KABAR MADURA | Ratusan reklame di Pamekasan terbukti melanggar Peraturan Bupati (Perbup) Nomor 35 Tahun 2022 tentang penyelenggaraan reklame. Pasalnya, sejumlah reklame itu tidak mengantongi izin dan melanggar beberapa peraturan lainnya.
Kepala Bidang Kabid (Kabid) Penegakan Peraturan Daerah Satuan Polisi Pamong Praja (Satpol PP) Pamekasan M. Hasanurrahman mengatakan, sepanjang Januari hingga September 2024, terdapat 467 reklame yang berhasil ditertibkan.
Beberapa di antaranya, kata Ainur, berupa baliho, spanduk, banner, dan lainnya. Rata-rata, reklame yang terindikasi melanggar tersebut bersifat iklan industri.
“Kalau baliho terkait paslon (bupati) belum ada penertiban. Karena untuk penertibannya itu harus ada koordinasi dari Bawaslu atau yang bersangkutan lainnya, selama ini belum ada rekomendasi dari Bawaslu. Jadi yang ditertibkan selama ini sifatnya berupa iklan,” ungkapnya, Senin (7/10/2024).
Ainur menyebut, ratusan reklame yang ditertibkan itu, rata-rata tidak berizin dan salah penempatan. Selain itu, ada juga yang terbukti salah tempat pemasangan, izin sudah jatuh tempo, dan beberapa pelanggaran lainnya.
Dalam penertiban tersebut, lanjut Ainur, pihaknya kesulitan dalam mendeteksi pemasang.

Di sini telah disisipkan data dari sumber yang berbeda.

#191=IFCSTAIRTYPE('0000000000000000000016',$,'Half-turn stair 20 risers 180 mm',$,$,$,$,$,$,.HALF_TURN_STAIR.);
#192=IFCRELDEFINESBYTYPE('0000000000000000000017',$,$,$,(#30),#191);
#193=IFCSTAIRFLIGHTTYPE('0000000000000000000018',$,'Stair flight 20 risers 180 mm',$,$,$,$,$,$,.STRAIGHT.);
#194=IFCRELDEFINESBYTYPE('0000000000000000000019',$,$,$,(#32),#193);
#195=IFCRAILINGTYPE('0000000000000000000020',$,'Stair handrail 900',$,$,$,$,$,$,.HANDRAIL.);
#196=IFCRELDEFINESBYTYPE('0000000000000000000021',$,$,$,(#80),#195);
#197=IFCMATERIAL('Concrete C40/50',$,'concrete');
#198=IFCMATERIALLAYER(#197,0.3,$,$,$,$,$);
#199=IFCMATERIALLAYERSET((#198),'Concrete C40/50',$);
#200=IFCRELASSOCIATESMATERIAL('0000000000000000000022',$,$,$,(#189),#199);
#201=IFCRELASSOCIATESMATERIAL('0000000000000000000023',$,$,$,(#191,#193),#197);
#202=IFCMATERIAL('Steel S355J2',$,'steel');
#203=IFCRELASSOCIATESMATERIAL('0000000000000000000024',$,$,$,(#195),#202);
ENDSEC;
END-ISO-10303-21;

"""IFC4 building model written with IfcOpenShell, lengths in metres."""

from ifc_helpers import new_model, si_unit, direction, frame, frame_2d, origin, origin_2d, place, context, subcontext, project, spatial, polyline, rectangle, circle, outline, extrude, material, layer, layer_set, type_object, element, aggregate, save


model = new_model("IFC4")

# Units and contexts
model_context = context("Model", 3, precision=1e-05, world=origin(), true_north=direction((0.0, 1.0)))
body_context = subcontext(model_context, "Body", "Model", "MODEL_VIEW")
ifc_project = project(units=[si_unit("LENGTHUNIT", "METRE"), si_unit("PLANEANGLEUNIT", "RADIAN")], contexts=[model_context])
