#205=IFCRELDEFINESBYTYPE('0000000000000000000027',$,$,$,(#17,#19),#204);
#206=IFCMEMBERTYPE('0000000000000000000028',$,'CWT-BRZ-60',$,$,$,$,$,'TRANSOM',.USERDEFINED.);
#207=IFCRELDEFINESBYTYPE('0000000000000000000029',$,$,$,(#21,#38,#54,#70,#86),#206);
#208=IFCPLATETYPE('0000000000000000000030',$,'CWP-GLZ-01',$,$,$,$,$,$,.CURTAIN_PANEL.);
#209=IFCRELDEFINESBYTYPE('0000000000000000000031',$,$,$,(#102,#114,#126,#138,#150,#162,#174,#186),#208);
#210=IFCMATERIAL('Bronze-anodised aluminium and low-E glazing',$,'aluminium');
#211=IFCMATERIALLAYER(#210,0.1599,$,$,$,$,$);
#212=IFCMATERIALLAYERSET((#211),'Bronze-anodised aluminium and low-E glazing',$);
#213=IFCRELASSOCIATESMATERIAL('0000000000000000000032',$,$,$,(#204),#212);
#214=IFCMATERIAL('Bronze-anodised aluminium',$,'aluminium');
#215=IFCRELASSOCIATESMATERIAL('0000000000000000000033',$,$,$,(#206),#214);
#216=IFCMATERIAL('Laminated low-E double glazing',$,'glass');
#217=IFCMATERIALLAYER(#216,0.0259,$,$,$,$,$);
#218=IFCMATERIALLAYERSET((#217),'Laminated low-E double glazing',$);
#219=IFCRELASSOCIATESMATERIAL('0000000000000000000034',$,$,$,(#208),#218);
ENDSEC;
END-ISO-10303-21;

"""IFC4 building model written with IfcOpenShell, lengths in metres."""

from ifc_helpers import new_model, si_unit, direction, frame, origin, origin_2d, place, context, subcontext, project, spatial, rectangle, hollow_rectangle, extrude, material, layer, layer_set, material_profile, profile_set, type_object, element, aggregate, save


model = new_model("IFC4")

Sebab tidak tertera kontak pemasang dan lainnya. Namun, selama ini, sosialisasi dan penertiban reklame terus dilakukan. Hal itu dilakukan sebagai upaya untuk menekan maraknya penyebaran reklame yang tidak sesuai aturan di kawasan kota Gerbang Salam.
“Kawasan yang paling banyak reklame melanggar memang di wilayah kota. Tapi penertibannya, kami menyeluruh ke wilayah-wilayah lain juga,” tukasnya.
Sekadar diketahui, dari 467 reklame yang ditertibkan itu, rinciannya terdapat 432 banner, 32 spanduk, dan tiga baliho. (nur/zul)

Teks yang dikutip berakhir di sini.